Inspecting the dates of the reviews of some popular podcasts, I found no gaps since 2019. This confirms that the reviews have been downloaded without interruption since then.
Curating the Ratings
We need to take care of the following complications:
- Some users have left a suspiciously high number of reviews. Indeed, looking at the content of their reviews they do not look genuine at all: they repeat the same text hundreds of times, with slight variations. We will remove all the users with a rating volume beyond a specific threshold to weed out bots. We set the threshold at 135 reviews by inspecting the content of the reviews and making a judgment call.
- It appears that some podcasts are no longer active, given that their latest review was made years ago. We need to decide whether we want to remove these seemingly inactive podcasts. While we don't want to recommend podcasts that don't exist anymore, their reviews can still help the collaborative filtering model. We will simply remove podcasts which have zero reviews made on or after 2020. Another option would be to include old podcasts in the training of the recommender system but skip them when making recommendations.
- It turns out that there are repeat reviews in the data, meaning that some users left multiple reviews for the same podcast. They are probably just edited or updated reviews. Consequently, we will only consider the latest rating for each user-podcast pairing.
- For the collaborative filtering approach to work, the users need to have rated multiple podcasts and, similarly, the podcasts need to have been rated by multiple users. To ensure this, we need to remove all users and podcasts with a number of reviews below a certain threshold. For example, we could remove all users with under 3 reviews and all podcasts with under 15 reviews. We have to be careful here: removing some users will reduce the number of reviews for some podcasts, which might push some podcasts below the threshold. In turn, removing those podcasts might push some users below the threshold. We need to keep doing this back and forth until the ratings DataFrame stops changing.
We will write a separate function to deal with each point.
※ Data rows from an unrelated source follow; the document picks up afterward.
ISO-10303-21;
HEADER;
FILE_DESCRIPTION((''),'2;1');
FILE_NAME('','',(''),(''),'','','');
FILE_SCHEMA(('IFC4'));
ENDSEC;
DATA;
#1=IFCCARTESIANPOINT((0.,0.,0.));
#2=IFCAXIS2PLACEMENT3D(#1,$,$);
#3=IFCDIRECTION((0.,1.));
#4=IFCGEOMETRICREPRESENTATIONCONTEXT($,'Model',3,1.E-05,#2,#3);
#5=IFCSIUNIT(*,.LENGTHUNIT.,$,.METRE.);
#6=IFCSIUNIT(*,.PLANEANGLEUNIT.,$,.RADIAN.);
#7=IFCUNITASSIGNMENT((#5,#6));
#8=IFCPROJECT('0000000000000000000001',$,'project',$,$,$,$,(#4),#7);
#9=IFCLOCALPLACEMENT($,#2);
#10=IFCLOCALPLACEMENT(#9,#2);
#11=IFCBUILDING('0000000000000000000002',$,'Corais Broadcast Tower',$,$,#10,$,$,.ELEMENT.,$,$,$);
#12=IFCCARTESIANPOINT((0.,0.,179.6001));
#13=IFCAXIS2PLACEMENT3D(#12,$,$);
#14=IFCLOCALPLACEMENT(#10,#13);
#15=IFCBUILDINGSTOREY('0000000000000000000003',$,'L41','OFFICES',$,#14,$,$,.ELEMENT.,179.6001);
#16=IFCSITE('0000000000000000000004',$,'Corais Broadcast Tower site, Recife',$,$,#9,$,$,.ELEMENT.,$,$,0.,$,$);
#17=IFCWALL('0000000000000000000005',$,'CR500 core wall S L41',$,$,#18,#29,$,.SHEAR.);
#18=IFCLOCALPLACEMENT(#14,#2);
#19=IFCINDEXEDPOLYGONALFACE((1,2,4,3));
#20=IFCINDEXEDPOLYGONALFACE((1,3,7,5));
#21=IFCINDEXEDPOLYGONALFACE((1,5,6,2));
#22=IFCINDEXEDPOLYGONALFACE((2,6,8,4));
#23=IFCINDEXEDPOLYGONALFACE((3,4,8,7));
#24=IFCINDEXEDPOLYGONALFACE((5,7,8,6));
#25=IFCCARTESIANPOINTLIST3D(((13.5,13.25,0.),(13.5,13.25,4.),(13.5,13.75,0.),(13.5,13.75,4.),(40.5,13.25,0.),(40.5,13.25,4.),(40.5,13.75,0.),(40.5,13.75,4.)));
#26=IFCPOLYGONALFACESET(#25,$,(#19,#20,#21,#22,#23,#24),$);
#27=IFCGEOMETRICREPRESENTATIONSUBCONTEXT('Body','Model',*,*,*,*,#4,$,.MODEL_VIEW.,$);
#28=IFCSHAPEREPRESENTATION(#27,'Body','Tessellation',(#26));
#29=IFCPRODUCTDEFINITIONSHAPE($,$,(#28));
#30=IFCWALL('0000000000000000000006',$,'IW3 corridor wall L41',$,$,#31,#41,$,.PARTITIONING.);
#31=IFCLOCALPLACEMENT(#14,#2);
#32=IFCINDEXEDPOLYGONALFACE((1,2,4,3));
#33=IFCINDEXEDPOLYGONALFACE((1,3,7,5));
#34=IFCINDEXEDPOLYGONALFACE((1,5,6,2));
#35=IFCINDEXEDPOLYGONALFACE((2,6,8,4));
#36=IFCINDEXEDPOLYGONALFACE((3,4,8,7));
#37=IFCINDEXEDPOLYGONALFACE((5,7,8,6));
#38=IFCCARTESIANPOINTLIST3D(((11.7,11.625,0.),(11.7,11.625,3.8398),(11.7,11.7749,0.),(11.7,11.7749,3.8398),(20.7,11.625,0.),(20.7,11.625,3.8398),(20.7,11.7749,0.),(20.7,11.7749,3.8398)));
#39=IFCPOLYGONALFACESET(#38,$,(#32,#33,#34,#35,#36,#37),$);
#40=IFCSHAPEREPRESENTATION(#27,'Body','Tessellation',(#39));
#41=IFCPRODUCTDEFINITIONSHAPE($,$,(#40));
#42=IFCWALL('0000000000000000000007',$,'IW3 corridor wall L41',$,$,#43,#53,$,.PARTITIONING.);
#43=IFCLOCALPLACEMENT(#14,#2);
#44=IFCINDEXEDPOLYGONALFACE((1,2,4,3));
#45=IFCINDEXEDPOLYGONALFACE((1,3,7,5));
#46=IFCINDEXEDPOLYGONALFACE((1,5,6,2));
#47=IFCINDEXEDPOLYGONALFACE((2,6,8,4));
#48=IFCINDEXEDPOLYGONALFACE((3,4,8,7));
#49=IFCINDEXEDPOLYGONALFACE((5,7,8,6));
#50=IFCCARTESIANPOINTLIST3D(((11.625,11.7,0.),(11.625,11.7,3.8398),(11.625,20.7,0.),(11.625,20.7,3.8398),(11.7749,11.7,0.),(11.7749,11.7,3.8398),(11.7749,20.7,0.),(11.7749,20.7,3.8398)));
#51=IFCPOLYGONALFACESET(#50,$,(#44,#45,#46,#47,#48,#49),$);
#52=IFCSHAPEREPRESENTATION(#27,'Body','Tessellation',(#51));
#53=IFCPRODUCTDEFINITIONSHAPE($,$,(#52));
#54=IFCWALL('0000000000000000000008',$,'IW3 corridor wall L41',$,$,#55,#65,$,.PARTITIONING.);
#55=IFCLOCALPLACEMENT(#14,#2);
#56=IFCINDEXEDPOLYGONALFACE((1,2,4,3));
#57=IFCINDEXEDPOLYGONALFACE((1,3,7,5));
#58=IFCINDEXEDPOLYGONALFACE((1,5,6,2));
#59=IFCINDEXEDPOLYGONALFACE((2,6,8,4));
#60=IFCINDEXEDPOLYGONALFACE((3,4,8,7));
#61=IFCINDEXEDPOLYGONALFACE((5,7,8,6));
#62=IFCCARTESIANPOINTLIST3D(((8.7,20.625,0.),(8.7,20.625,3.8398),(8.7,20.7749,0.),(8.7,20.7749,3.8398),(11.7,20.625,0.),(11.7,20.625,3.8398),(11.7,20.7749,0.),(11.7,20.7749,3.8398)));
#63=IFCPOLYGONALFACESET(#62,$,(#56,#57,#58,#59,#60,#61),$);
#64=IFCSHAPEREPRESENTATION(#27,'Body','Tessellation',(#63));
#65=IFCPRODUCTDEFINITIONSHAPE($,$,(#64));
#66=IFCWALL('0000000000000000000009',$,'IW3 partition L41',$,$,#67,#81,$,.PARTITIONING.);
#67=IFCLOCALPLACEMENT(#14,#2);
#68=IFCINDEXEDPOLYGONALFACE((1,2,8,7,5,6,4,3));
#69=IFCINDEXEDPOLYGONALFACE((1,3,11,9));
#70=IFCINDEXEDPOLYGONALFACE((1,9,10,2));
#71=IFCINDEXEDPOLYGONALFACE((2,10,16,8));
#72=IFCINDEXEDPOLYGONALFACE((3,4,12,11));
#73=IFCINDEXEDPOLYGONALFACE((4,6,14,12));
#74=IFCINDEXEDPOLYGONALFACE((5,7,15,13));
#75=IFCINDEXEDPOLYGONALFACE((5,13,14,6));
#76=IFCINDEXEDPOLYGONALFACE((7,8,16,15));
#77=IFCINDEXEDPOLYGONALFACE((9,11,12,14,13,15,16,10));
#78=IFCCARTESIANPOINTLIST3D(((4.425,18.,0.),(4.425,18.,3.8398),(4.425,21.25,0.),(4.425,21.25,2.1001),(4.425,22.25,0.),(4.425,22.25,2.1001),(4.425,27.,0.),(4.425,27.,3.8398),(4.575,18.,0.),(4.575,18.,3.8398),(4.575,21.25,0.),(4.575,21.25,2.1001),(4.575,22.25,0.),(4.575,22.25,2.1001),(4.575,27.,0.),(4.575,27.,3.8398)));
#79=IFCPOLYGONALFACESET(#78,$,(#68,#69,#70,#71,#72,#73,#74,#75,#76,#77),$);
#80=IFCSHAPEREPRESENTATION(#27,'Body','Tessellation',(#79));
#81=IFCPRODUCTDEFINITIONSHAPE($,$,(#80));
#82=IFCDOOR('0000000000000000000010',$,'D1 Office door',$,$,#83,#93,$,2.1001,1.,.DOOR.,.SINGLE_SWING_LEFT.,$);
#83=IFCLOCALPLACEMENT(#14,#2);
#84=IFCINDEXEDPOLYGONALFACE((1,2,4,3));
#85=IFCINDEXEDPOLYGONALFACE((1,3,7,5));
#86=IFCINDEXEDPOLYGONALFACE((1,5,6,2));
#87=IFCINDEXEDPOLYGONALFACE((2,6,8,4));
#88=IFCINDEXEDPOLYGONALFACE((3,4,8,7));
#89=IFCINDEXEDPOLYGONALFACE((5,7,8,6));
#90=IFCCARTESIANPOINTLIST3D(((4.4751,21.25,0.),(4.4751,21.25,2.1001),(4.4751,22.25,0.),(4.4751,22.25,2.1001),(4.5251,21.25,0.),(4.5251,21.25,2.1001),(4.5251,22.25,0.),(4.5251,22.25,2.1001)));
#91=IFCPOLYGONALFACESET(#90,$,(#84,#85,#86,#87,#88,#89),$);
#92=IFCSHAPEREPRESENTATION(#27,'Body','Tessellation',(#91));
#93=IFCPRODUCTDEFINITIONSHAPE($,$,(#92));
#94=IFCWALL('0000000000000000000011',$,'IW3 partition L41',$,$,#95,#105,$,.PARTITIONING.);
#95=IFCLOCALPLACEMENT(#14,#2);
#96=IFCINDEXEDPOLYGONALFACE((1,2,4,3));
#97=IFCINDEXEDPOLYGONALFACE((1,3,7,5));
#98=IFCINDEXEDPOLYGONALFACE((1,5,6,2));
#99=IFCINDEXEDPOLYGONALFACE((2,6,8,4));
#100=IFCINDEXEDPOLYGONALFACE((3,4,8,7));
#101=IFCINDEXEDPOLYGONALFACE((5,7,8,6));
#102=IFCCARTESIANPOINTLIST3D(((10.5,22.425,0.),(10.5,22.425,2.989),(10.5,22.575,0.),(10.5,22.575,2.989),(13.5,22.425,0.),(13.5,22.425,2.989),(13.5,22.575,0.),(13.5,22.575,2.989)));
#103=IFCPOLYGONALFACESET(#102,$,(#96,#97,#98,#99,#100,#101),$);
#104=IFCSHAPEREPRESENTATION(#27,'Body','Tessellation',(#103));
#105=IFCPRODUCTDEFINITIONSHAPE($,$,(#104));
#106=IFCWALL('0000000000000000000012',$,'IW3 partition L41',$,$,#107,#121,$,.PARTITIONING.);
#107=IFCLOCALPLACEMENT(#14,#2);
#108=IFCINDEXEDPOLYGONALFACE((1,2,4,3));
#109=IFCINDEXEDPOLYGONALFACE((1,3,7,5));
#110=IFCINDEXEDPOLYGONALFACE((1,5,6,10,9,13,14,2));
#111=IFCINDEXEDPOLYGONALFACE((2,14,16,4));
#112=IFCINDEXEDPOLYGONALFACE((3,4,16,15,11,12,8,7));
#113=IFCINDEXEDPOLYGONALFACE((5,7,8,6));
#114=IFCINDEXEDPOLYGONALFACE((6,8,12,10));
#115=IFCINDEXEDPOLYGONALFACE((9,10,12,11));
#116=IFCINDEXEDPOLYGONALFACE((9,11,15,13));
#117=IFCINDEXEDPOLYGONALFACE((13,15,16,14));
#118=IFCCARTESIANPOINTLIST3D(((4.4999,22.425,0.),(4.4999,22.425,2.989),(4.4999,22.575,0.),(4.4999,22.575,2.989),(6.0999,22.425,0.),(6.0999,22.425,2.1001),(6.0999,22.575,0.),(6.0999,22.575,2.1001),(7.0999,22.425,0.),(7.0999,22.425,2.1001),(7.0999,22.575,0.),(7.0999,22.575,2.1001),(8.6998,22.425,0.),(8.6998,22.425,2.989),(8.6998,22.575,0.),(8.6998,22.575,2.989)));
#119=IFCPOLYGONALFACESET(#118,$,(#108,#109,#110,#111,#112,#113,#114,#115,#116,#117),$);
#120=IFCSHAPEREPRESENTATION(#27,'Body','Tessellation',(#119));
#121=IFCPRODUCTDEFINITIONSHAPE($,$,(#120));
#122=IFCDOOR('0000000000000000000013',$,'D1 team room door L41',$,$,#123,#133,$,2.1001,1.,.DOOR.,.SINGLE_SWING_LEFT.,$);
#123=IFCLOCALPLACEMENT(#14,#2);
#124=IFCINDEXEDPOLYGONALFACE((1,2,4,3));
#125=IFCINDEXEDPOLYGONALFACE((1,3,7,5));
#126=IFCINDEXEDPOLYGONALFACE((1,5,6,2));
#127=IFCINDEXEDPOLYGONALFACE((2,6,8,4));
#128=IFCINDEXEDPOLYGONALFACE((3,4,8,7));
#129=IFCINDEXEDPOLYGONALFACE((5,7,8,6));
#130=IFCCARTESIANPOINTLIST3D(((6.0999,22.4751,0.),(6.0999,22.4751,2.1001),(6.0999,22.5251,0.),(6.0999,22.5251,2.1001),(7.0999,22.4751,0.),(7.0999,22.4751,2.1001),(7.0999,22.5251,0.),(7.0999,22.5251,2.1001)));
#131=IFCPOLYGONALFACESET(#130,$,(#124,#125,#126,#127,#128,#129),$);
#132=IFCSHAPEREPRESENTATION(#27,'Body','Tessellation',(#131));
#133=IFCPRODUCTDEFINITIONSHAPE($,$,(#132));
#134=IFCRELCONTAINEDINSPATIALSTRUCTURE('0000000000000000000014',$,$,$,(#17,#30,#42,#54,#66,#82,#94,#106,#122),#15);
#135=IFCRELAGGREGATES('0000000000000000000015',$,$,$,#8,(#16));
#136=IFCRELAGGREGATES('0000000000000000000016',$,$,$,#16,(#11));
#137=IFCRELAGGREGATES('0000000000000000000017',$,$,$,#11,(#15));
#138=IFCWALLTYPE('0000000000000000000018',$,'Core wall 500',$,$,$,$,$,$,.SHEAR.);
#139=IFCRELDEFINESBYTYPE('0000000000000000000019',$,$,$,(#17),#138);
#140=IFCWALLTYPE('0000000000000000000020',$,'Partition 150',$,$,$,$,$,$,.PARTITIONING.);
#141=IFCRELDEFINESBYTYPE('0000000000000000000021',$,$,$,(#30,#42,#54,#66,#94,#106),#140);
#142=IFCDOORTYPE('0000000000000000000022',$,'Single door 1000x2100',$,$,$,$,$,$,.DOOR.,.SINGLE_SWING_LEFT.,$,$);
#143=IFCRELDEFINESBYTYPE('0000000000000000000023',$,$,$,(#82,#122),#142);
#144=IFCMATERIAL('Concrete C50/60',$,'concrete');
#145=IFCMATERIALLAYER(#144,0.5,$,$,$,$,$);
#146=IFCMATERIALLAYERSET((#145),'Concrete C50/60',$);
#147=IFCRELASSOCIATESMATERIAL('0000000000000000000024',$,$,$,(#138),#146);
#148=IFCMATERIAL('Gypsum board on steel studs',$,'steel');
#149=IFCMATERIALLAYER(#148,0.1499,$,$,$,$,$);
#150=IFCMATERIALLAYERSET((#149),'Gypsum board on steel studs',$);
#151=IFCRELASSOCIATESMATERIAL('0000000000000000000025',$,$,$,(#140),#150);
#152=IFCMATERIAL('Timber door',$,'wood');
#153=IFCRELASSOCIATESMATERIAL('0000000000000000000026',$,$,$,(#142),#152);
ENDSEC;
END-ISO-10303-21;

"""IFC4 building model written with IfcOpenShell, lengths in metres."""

from ifc_helpers import new_model, si_unit, direction, frame, frame_2d, origin, place, context, subcontext, project, spatial, rectangle, extrude, material, layer, layer_set, type_object, element, fill, save


model = new_model("IFC4")

# Units and contexts
model_context = context("Model", 3, precision=1e-05, world=origin(), true_north=direction((0.0, 1.0)))
body_context = subcontext(model_context, "Body", "Model", "MODEL_VIEW")
ifc_project = project(units=[si_unit("LENGTHUNIT", "METRE"), si_unit("PLANEANGLEUNIT", "RADIAN")], contexts=[model_context])

# Site, building, storey
site_placement = place(None, origin())
site = spatial("IfcSite", under=ifc_project, at=site_placement, Name="Corais Broadcast Tower site, Recife", CompositionType="ELEMENT", RefElevation=0.0)
building_placement = place(site_placement, origin())
building = spatial("IfcBuilding", under=site, at=building_placement, Name="Corais Broadcast Tower", CompositionType="ELEMENT")
storey_placement = place(building_placement, frame((0.0, 0.0, 179.6001)))
storey = spatial("IfcBuildingStorey", under=building, at=storey_placement, Name="L41", Description="OFFICES", CompositionType="ELEMENT", Elevation=179.6001)

# Walls
ifc_material_1 = material(Name="Concrete C50/60", Category="concrete")
ifc_layer_1 = layer(ifc_material_1, 0.5)
ifc_layer_set_1 = layer_set([ifc_layer_1], Name="Concrete C50/60")
wall_type_1 = type_object("IfcWallType", Name="Core wall 500", PredefinedType="SHEAR", material=ifc_layer_set_1)
wall_1_placement = place(storey_placement, frame((13.5, 13.5, 0.0), z_axis=(0.0, 0.0, 1.0), x_axis=(1.0, 0.0, 0.0)))
element("IfcWall", 1, at=wall_1_placement, inside=storey, type_object=wall_type_1, Name="CR500 core wall S L41", PredefinedType="SHEAR", context=body_context, shape_type="SweptSolid", body=[
    extrude(rectangle(XDim=27.0, YDim=0.5, at=frame_2d((13.5, 0.0))), origin(), (0.0, 0.0, 1.0), 4.0),
])
ifc_material_2 = material(Name="Gypsum board on steel studs", Category="steel")
ifc_layer_2 = layer(ifc_material_2, 0.1499)
ifc_layer_set_2 = layer_set([ifc_layer_2], Name="Gypsum board on steel studs")
wall_type_2 = type_object("IfcWallType", Name="Partition 150", PredefinedType="PARTITIONING", material=ifc_layer_set_2)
def remove_suspicious_users(ratings, max_reviews=135):
'Remove users with suspiciously high review count.'
mask = ratings.groupby('user_id')['podcast_id'].transform('count') <= max_reviews
return ratings[mask]
def remove_inactive_podcasts(ratings, latest_rating_year=2020):
'Remove podcasts with no reviews at or after latest_rating_year.'
active = (ratings.groupby('podcast_id')['created_at']
.transform(lambda c: c.max().year)
>= latest_rating_year
)
return ratings[active]
def keep_only_latest_rating(ratings):
'Remove repeat reviews, keeping the latest. Also sorts the ratings by date.'
return ratings.sort_values(by='created_at', ascending=False).drop_duplicates(subset=['podcast_id', 'user_id'])
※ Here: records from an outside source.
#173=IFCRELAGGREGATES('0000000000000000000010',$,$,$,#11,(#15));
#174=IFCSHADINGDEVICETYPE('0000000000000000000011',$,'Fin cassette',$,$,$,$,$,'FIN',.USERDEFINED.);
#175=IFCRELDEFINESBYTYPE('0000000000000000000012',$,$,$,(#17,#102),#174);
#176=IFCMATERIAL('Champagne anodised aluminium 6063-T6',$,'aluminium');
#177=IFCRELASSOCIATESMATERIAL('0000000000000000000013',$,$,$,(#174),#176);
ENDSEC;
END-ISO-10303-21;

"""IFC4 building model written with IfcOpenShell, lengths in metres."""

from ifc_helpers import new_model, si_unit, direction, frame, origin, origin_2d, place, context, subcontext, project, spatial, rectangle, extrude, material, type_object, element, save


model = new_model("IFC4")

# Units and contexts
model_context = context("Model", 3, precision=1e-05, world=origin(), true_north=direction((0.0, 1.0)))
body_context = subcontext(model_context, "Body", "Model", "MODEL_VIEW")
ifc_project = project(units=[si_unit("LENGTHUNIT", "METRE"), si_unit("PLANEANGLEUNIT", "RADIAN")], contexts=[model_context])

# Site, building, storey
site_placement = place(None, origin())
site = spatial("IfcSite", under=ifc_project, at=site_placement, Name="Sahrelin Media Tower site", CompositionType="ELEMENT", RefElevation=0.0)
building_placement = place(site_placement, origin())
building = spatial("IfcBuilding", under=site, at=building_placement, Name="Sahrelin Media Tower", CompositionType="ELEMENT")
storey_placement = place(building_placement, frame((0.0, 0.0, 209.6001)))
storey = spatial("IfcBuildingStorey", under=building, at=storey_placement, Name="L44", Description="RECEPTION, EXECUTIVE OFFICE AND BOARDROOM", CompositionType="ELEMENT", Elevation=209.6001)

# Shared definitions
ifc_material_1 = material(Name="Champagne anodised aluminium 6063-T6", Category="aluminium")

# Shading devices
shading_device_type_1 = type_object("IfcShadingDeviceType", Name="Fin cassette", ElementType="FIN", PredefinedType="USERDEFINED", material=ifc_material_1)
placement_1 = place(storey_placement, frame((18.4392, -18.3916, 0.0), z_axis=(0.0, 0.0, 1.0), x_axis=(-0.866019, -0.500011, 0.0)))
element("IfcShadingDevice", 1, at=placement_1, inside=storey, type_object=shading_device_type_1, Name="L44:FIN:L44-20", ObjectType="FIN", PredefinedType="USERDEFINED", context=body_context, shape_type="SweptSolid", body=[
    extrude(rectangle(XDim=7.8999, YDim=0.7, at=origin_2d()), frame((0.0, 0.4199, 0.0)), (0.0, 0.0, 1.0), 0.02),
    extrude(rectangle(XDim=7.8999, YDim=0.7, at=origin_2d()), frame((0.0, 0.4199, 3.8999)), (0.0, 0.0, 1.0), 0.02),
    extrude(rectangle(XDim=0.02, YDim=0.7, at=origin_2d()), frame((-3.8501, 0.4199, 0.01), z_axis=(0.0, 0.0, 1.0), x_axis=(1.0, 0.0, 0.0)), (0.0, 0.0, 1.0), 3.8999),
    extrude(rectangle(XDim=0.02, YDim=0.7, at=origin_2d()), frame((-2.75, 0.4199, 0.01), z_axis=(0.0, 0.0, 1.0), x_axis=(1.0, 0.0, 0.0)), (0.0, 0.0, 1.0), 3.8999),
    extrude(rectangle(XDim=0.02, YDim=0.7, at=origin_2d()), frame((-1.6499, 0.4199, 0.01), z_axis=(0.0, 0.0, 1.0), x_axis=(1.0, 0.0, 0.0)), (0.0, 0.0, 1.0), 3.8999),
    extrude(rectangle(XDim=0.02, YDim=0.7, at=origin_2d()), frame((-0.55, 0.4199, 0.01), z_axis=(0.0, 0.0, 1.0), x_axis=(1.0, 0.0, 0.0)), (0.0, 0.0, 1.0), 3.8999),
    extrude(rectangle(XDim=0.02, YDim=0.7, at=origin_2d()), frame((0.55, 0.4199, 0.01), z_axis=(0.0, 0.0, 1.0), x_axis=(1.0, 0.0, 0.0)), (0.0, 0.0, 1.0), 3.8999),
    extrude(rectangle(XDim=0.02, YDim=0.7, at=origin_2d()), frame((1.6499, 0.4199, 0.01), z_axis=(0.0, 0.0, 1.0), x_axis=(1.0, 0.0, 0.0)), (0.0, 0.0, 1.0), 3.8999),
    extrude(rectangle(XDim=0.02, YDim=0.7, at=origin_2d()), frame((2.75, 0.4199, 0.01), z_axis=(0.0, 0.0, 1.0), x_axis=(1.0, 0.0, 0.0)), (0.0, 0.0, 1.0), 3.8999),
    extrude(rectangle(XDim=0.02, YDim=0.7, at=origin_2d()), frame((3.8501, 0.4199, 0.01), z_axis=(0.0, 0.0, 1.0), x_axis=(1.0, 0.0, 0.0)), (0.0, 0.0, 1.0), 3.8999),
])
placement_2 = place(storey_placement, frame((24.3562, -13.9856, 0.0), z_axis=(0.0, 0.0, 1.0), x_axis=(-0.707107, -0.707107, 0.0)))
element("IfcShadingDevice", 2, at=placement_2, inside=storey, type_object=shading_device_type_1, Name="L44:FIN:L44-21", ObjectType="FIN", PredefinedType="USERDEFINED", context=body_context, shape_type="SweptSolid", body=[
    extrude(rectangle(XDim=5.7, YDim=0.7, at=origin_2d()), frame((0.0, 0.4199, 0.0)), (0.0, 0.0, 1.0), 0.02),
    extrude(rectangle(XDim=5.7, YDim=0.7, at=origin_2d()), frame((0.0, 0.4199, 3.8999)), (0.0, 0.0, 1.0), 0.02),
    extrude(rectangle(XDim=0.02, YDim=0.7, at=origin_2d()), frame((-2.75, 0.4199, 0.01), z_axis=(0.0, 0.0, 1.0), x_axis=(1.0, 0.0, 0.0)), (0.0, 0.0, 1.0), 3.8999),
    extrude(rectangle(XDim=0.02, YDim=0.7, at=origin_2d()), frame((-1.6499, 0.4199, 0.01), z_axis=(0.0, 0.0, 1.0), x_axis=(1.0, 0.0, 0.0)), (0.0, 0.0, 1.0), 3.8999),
def remove_low_rating_users_and_podcasts(ratings, min_user_reviews=3, min_podcast_reviews=15):
'Alternate between removing podcasts and users with insufficient reviews until there are none left.'
result = ratings.copy()
while result.shape:
previous_shape = result.shape
mask = result.groupby('podcast_id')['user_id'].transform('count') >= min_podcast_reviews
result = result[mask]
mask = result.groupby('user_id')['podcast_id'].transform('count') >= min_user_reviews
result = result[mask]
if result.shape == previous_shape:
return result
ratings = remove_suspicious_users(ratings_raw)
ratings = remove_inactive_podcasts(ratings)
ratings = keep_only_latest_rating(ratings)
ratings = remove_low_rating_users_and_podcasts(ratings)
ratings
podcasts = extract_podcasts(ratings)
podcasts.sort_values(by='rating_count', ascending=False)
Out of the 46,693 podcasts we started with, we are left with 936. Unfortunately, it is inevitable that we have to discard a large fraction of the podcasts because most of them have only a few reviews on Apple Podcasts. Consider the fact that more than a fourth of the podcasts (13,922 to be precise) had only a single review. More that half of the podcasts (a total of 25,104) had only up to 3 reviews!
That said, it's worth noting that there are actually as many as 8323 podcasts with at least 15 ratings. However, a sizable portion of the users leaving those ratings had to be removed because they only rated one or two podcasts in total (and of course removing some podcasts led to having to remove more users and so on). Thus, this is how we are left with just 936 podcasts.
The remaining ratings are still sufficient to yield interesting results, though!
The minimum threshold of ratings for users and podcasts is also reflected in the density of the ratings matrix. The so called ratings matrix contains all the ratings such that each row corresponds to one user and each column corresponds to one podcast. If there is a particular user hasn't rated a particular podcast, the corresponding entry (where the user row and podcast column meet) is simply $0$. Furthermore, the density of the ratings matrix is the percentage of non-zero entries. In other words, the density is the percentage of user-podcast pairs for which a rating exists in the dataset.
def compute_density(ratings):
n_ratings = ratings.shape[0]
n_podcasts = ratings['podcast_id'].nunique()
n_users = ratings['user_id'].nunique()
return n_ratings / (n_podcasts * n_users)
print(f'The density of the curated rating matrix is {compute_density(ratings) * 100:.2f}%, while the density of the original rating matrix is {compute_density(ratings_raw) * 100:.4f}%.')
We went from 755,438 users to 12,212 users after cleaning up the data and discarding users and podcasts with too few reviews.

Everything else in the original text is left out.